Final Result, hit the jump to find out how it was done |
I had some fun yesterday with a glass shard that I took from a car's broken windshield. When I saw the broken pieces of glass I immediately thought of my macro lens and flashes, click through to see what I did.
I decided to start by putting this piece of broken glass on a glass table and take an ambient light only shot, I used my newly acquired Manfrotto tripod with a ball head (review coming soon), set the camera to aperture priority mode, chose f/10 for a large depth of field, set ISO to 100 (no need for a higher number since nothing is moving) and finally I used the self timer to prevent camera shake and fired away, this is what I got:
Same piece of glass, ambient light only |
The above picture looks nice but is not striking enough, so I decided to go on with my plan and use flashes, I had a vague idea about how to light this piece of glass, but I knew that I had to light it using two flashes and that one of them should be from beneath.

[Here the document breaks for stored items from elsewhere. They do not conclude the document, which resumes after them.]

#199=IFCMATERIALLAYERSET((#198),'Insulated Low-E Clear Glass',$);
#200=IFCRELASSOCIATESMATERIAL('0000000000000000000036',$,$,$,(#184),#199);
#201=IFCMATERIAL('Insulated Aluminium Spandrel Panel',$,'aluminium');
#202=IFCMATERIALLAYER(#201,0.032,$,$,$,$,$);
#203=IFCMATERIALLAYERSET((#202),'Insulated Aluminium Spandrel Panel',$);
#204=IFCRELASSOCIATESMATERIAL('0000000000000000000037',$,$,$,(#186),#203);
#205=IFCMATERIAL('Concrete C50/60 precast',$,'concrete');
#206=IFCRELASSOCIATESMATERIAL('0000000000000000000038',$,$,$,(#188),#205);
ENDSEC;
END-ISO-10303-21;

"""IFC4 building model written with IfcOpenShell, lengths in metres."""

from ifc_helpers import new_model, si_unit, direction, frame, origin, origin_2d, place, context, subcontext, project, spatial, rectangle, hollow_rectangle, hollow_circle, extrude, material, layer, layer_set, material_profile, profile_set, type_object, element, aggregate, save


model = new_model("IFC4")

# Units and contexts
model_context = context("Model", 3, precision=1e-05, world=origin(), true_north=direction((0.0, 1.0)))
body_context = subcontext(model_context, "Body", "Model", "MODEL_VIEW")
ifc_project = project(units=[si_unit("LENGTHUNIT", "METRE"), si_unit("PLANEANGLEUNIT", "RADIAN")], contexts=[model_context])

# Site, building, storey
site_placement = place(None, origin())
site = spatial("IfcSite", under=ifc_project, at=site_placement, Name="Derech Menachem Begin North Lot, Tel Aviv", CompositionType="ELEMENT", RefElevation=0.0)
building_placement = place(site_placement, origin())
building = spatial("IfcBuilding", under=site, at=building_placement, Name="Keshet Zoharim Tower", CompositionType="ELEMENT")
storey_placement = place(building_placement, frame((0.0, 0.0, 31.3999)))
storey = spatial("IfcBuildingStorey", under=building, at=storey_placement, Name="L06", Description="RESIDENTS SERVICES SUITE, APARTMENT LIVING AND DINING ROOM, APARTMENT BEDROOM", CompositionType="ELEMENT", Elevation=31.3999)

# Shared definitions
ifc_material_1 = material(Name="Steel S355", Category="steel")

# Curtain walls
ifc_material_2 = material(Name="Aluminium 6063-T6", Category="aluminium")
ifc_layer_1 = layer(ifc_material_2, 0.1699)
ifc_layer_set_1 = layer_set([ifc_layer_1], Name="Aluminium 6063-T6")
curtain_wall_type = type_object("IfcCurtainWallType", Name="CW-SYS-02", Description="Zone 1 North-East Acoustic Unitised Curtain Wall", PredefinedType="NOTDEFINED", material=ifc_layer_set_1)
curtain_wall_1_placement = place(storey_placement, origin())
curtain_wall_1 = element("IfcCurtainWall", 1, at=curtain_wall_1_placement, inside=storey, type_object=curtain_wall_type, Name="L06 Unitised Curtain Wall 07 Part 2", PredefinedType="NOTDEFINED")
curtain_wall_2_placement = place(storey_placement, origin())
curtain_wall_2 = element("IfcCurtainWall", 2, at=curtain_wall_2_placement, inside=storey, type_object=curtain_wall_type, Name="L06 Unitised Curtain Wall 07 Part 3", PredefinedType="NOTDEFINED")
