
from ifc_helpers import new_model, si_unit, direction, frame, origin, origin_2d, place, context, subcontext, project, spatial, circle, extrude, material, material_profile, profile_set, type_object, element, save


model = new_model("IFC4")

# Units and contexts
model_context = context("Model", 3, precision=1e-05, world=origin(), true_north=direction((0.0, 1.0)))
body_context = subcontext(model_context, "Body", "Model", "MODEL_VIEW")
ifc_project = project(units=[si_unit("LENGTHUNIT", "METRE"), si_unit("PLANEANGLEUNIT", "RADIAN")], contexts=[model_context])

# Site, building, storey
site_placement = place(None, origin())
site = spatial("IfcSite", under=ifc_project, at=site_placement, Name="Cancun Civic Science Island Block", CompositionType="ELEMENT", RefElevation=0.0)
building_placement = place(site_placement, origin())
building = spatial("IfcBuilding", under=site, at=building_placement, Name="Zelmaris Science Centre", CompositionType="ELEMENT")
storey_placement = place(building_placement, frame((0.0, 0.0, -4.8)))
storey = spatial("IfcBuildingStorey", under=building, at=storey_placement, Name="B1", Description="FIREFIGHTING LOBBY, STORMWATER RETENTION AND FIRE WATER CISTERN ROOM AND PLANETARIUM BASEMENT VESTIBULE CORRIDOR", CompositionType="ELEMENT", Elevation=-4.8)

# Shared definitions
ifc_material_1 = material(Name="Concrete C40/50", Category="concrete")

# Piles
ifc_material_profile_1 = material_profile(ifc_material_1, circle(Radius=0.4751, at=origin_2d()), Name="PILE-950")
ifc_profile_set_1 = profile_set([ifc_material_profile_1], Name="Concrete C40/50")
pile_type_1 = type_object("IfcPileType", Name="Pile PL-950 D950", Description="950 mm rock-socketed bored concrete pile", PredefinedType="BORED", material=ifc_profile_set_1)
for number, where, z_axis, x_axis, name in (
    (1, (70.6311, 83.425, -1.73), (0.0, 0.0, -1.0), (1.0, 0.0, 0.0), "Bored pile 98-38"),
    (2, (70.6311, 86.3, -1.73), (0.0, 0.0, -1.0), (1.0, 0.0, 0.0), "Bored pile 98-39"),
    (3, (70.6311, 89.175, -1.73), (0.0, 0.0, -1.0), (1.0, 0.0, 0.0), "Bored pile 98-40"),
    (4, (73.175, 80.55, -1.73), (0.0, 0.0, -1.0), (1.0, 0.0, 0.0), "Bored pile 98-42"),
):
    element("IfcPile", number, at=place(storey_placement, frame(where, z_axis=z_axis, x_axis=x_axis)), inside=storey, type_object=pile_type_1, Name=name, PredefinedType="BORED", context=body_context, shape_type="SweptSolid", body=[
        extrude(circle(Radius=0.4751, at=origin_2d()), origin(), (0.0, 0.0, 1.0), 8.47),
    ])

I started with one flash only at 1/32 power and the shutter speed at max sync speed to kill the ambient (the rest of my settings were the same, f/10, ISO 100), and started taking pictures and pointing my flash from different positions, left, right, up and down. After looking at the differences I decided to light the glass with one flash from the right side at 1/32 power and zoomed to 14mm (using the diffuser panel), and another flash from the bottom left at 1/16 power and zoomed to ~ 70mm. Here's how the setup looked like:
I also tried different gels on the flash for more interesting colors, I ended up with a blue gel on the top flash and a red one on the bottom one. To compensate for the lost power due to gels I increased the ISO to 200. The gels I used in this setup are home made, I posted about them here.
POST PROCESSING
I had to do some post processing to get the image at the top, a macro lens (close focusing distances in general) plus flash lighting have a maddening ability to show every-single-speck-of-dust!!!
I cleaned the table several times, yet it was never clean enough, so I decided to ignore it and remove it in post.
Post processing was very easy, I did a strong bit of sharpening (more than I usually do) to show the inner fractures inside the glass shard, and then I used the adjustment brush with exposure = -4 to remove all the dust specs and undesired reflections around the glass shard, it also helped to pull the fill light slider all the way to the right to see what parts needed removal with the adjustment brush. Here's the final result again for your convenience:
Final Result, click to see a larger version |
I believe that this is a mediocre result, nothing spectacular, but nonetheless it was a fun experiment and I consider it as a new ground on my way to improve my product photography skills. What do you think?